Support Salmon

Support Salmon is a website dedicated to the support of Salmon. Groups like CCA support Salmon and help make sure we'll have Salmon runs for the years to come.



The following is an example of the type of help that is needed to help Salmon and support Salmon:

The Adopt-A-Salmon fundraiser gives KHSU-FM 90.5 radio station donors a chance to name a coho salmon and follow its whereabouts as it swims up Freshwater Creek to spawn and die.

Meet Lester, the first salmon adopted in the KHSU radio Adopt-A-Salmon fundraiser.

"People have to name their fish," Pam Long, who works as development director of KHSU, said.

Lester's adopter is from the other city by the bay.
"Some random, new member, from San Francisco," Pam Long said, is first to adopt a salmon during the KHSU fundraiser.

Lester and his cohorts have their roots in the Freshwater Creek area of Humboldt County.

The Humboldt Fish Action Council, a nonprofit organization, is in its fourth year of conducting an Adopt-A-Salmon fundraiser, said Doug Kelly, director of the Fish Action Council.

This spring is the first time KHSU offers its donors a chance to participate in Adopt-A-Salmon.

The Fish Action Council worked to restore Freshwater Creek's salmon population, achieving success in the early 1990s, Kelly said. Kelly now works to remove pipes from creeks, along with other environmental restoration tasks.

KHSU's alliance with Adopt-A-Salmon gives funding to the Fish Action Council . For KHSU, Adopt-A-Salmon is something different to give to KHSU supporters who donate $120.00.
Donate to KHSU during their spring fundraising drive from April 5-12, and you get to adopt a salmon courtesy of the Fish Action Council.

Money from fundraising and on-going membership renewals accounts for about 28-30 percent of KHSU's income, Long said.

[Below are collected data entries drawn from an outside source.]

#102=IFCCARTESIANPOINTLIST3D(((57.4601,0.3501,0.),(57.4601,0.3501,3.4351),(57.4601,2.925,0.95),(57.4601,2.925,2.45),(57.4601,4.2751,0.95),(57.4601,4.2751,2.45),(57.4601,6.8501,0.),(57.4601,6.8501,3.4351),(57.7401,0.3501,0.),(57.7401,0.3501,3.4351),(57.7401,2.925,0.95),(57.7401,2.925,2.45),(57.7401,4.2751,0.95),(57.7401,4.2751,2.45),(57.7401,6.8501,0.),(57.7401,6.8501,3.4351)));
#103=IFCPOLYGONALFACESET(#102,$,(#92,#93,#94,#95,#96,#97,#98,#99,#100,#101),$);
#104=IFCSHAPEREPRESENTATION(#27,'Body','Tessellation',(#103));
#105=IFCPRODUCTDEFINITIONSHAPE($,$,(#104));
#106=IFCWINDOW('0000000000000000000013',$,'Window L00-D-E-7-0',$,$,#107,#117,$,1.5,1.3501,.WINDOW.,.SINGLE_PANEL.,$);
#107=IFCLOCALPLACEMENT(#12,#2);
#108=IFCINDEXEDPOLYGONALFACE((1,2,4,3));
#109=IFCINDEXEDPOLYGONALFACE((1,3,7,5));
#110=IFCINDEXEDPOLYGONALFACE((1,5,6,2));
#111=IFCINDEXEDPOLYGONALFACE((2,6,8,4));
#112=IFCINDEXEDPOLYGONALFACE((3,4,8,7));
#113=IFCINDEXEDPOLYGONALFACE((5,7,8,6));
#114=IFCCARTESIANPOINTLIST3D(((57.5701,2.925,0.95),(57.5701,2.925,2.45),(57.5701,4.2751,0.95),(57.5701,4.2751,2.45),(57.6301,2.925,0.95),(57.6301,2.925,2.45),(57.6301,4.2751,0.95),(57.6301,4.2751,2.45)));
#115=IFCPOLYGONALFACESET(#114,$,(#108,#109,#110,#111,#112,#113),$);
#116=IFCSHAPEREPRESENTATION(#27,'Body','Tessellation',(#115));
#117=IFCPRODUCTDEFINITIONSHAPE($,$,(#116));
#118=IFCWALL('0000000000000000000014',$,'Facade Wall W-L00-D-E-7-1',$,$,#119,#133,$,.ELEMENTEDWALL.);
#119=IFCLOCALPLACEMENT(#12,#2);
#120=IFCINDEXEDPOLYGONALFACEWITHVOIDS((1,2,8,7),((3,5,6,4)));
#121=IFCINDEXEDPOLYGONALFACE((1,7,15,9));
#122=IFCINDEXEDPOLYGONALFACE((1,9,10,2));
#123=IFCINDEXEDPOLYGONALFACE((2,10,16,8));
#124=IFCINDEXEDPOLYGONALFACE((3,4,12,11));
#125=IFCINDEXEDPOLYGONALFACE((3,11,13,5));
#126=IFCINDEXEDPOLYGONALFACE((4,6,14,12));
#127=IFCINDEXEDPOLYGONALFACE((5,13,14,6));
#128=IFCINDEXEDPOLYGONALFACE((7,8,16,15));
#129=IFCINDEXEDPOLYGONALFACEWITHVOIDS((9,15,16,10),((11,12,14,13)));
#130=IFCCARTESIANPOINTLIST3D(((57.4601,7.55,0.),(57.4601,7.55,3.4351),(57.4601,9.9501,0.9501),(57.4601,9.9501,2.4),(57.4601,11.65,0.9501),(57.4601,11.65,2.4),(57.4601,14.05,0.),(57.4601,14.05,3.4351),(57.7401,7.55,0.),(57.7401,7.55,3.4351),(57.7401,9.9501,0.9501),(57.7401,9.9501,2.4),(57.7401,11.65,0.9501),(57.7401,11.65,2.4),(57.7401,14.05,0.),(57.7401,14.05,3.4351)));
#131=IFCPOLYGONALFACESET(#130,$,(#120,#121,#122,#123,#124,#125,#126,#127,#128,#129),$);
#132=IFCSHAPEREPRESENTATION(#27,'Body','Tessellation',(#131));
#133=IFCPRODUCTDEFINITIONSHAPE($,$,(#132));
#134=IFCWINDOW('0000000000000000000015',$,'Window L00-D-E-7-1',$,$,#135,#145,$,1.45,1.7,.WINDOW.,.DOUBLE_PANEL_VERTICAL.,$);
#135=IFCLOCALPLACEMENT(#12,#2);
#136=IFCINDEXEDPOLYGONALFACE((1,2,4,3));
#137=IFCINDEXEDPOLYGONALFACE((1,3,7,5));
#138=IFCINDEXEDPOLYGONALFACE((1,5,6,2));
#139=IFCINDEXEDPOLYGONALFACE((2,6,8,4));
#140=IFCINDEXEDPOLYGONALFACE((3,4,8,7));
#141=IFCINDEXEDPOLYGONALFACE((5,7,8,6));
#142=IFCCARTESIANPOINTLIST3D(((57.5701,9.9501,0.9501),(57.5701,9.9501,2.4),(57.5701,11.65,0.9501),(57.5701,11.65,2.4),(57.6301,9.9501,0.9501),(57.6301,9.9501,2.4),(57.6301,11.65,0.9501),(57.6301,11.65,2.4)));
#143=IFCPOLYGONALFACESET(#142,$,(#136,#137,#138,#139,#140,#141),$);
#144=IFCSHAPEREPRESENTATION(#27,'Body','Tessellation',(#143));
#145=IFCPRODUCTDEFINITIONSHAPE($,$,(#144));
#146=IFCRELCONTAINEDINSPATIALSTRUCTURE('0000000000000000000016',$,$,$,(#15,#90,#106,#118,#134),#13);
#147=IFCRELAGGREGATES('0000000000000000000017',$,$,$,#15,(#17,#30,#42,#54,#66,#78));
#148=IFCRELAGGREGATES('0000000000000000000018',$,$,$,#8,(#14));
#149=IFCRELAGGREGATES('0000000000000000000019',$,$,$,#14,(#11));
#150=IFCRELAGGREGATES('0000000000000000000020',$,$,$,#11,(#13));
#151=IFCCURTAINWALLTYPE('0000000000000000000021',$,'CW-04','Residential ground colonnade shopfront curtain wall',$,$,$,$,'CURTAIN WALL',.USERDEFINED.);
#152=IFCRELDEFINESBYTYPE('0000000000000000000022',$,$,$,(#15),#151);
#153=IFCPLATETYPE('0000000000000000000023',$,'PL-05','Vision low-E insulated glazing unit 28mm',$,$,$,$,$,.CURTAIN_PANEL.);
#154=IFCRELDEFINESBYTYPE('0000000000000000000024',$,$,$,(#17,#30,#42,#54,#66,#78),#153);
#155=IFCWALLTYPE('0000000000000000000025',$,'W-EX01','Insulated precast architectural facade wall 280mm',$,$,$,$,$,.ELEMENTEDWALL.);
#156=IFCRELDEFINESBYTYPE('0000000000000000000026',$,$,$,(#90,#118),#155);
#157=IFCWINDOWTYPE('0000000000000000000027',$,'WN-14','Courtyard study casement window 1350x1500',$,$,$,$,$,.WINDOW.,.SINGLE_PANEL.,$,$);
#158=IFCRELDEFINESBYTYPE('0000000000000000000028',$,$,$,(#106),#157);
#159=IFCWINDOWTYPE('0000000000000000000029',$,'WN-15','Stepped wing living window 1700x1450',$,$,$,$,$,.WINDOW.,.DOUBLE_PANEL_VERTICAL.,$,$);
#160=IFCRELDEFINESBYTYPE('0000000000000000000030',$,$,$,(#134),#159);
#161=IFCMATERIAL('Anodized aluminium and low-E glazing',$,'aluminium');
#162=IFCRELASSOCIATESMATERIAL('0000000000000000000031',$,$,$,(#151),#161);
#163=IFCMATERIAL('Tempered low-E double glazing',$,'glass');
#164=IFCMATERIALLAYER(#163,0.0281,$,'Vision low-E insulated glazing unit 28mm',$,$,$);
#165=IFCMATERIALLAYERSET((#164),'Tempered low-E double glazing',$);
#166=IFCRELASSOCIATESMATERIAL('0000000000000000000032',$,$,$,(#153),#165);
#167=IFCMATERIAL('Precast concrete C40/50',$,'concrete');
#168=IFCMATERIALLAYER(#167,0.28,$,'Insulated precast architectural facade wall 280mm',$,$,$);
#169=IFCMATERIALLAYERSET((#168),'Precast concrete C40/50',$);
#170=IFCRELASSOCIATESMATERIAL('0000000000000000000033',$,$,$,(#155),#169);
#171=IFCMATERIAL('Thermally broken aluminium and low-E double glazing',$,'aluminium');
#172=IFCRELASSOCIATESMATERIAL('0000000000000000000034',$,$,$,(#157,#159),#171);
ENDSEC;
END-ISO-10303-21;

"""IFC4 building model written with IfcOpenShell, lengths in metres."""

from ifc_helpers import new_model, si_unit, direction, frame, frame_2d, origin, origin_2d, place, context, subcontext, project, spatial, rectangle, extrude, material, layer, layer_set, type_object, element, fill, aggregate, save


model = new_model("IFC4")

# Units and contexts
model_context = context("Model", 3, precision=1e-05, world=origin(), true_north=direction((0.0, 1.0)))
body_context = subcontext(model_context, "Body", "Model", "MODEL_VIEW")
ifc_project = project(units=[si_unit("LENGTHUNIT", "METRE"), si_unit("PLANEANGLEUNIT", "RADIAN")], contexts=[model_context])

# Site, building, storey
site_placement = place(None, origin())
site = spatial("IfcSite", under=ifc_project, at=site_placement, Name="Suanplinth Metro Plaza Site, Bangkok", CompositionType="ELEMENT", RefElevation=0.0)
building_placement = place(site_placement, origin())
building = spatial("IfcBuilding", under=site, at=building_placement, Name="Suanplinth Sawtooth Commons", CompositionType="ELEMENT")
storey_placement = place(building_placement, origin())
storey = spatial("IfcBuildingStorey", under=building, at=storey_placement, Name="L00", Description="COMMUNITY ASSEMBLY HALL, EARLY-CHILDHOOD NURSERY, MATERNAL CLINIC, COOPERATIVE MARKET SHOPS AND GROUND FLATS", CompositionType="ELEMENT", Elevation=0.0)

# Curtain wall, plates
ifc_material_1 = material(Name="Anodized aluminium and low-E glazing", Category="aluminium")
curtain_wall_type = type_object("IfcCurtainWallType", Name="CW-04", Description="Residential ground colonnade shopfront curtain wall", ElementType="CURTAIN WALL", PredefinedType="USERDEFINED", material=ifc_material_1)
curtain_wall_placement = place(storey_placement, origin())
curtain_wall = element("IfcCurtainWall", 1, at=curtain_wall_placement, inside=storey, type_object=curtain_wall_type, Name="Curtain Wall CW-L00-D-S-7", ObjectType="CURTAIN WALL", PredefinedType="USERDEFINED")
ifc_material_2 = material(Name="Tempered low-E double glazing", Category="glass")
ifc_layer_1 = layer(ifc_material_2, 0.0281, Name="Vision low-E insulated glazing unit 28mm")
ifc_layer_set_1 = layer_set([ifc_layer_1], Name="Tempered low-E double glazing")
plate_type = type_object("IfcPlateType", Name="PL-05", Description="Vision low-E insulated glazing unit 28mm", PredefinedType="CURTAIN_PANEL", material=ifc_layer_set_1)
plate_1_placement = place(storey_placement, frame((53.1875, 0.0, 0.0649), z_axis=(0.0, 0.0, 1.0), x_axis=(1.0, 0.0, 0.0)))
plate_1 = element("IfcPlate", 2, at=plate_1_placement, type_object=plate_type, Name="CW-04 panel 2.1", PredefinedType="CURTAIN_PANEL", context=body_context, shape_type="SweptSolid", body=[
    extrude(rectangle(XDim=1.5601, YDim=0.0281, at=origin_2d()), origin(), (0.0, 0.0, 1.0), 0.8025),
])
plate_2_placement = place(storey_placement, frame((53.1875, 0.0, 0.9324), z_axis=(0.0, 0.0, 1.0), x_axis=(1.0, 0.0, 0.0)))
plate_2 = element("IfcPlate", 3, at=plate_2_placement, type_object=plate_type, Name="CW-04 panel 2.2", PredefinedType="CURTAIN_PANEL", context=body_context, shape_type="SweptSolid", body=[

More than 90 percent of a $120 Adopt-A-Salmon donation goes to KHSU, the station with a slogan that says, "Diverse Public Radio." Morning Addition and All Things Considered are two programs that reach KHSU listeners.

The approximately 5/8 inch tags used to track the salmon are placed under the salmon's scales by the dorsal fin, Kelly said. The tagging and monitoring of the salmon is conducted by the Department of Fish and Game.